Esta última petición constituye, en el fondo, una llamada al realismo de la situación precaria del cristiano. Éste no puede hacerse ilusiones. Aunque es en verdad hijo de Dios, no puede creer que ha alcanzado ya un nivel de seguridad por encima de todo riesgo. Está aún en camino. Y por eso pide al Padre que tutele su camino, que lo libre incluso de sí mismo, de aquellas zonas de ataque del Maligno de las que se siente y es portador.

Oración

Padre nuestro, que estás en el cielo, tu grandeza llena el universo. Alabado seas porque has querido que seamos hijos tuyos y nos rodeas siempre con tu providencia.

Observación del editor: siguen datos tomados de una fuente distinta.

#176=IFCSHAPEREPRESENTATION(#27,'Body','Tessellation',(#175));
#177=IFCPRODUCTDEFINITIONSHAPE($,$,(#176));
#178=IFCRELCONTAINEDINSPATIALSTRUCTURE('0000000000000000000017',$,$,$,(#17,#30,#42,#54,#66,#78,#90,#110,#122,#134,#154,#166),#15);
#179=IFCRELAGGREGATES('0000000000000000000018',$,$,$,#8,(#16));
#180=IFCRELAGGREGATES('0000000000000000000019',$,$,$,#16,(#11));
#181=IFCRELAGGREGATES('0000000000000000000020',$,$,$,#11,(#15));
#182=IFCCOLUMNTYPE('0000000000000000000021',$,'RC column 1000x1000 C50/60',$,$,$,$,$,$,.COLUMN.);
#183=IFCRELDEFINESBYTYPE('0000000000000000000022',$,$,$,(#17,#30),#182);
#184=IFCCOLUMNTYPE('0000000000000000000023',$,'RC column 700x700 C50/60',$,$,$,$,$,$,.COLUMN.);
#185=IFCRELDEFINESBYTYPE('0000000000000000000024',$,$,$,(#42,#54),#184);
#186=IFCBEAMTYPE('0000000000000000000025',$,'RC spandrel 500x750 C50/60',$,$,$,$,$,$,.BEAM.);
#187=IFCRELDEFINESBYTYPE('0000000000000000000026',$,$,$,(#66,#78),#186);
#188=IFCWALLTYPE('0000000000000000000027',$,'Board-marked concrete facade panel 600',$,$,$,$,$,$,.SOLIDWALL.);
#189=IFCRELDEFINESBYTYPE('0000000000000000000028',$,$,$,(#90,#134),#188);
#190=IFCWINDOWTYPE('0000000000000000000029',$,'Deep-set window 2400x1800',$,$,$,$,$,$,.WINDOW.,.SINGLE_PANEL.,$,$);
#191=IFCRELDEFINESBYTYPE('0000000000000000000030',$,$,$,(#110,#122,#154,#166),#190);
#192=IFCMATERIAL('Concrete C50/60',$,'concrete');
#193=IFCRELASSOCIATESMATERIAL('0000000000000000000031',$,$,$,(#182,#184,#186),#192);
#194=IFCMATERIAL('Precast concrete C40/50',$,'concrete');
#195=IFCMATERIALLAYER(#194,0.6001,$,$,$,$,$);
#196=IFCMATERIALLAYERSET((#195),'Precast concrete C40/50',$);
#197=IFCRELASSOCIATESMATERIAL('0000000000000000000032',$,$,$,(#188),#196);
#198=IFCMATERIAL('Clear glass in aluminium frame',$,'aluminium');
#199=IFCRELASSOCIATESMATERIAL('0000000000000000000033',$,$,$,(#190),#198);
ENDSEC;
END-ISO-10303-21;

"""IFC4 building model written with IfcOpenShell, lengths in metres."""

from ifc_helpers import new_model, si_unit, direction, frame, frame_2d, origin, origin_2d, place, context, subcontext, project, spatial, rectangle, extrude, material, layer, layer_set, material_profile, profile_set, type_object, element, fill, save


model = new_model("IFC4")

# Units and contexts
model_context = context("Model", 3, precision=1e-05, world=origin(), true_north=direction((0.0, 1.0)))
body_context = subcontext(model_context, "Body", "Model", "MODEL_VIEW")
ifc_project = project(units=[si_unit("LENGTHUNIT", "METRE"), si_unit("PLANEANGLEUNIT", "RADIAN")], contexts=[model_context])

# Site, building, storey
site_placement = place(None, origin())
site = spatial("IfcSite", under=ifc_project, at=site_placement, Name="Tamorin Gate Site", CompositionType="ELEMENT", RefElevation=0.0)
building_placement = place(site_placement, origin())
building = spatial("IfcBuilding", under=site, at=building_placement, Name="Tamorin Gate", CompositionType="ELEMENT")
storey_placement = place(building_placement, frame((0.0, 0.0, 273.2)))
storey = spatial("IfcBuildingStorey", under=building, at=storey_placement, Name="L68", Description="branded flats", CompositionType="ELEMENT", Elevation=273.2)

Padre, que tu nombre sea santificado, conocido, amado, celebrado por todos los hombres. Muéstrate a todos tal y como eres.

Padre, venga tu reino a este mundo, tan oprimido por violencias e injusticias. Venga tu reino de amor a la humanidad entera.

Padre, hágase tu voluntad en nuestra vida y en la de nuestros hermanos, y allí donde haya un ser humano que vive, ama, lucha y espera.

Padre, danos hoy nuestro pan de cada día: pan para dar de comer a los hambrientos, ropa para vestir a los desnudos, trabajo para los que no lo tienen.

Padre, perdona nuestras ofensas como también nosotros perdonamos a los que nos ofenden. Danos la gracia del perdón mutuo y haz que seamos agentes de reconciliación.

Padre, no nos dejes caer en la tentación del dinero, del prestigio y del poder. Guárdanos de la tentación de renegar de ti o de prescindir de ti.

Padre, líbranos del mal y de la opresión del maligno. Líbranos del egoísmo, de la impureza, de las estructuras de pecado.

Porque tuyo es el reino, Padre, tuyo el poder y la gloria por siempre. Amén.

* * * * *

Sugerencias para la oración personal

En la oración siempre nos debemos dirigir al Padre, origen y meta de nuestra vida. Pero nunca lo hacemos solos. Siempre nos acompaña Jesús. Primero, porque el Padre está en Jesús, y Jesús en el Padre (cf. Jn 14,10). Pero, además, es que Jesús hace siempre suya la oración del discípulo que ora en su nombre: orando somos hijos en el Hijo. Por eso el Padre siempre nos escucha como a Jesús:

«Todo lo que pidáis en mi nombre, yo lo haré, para que el Padre sea glorificado en el Hijo. Si me pedís algo en mi nombre, yo lo haré» (Jn 14,13-14).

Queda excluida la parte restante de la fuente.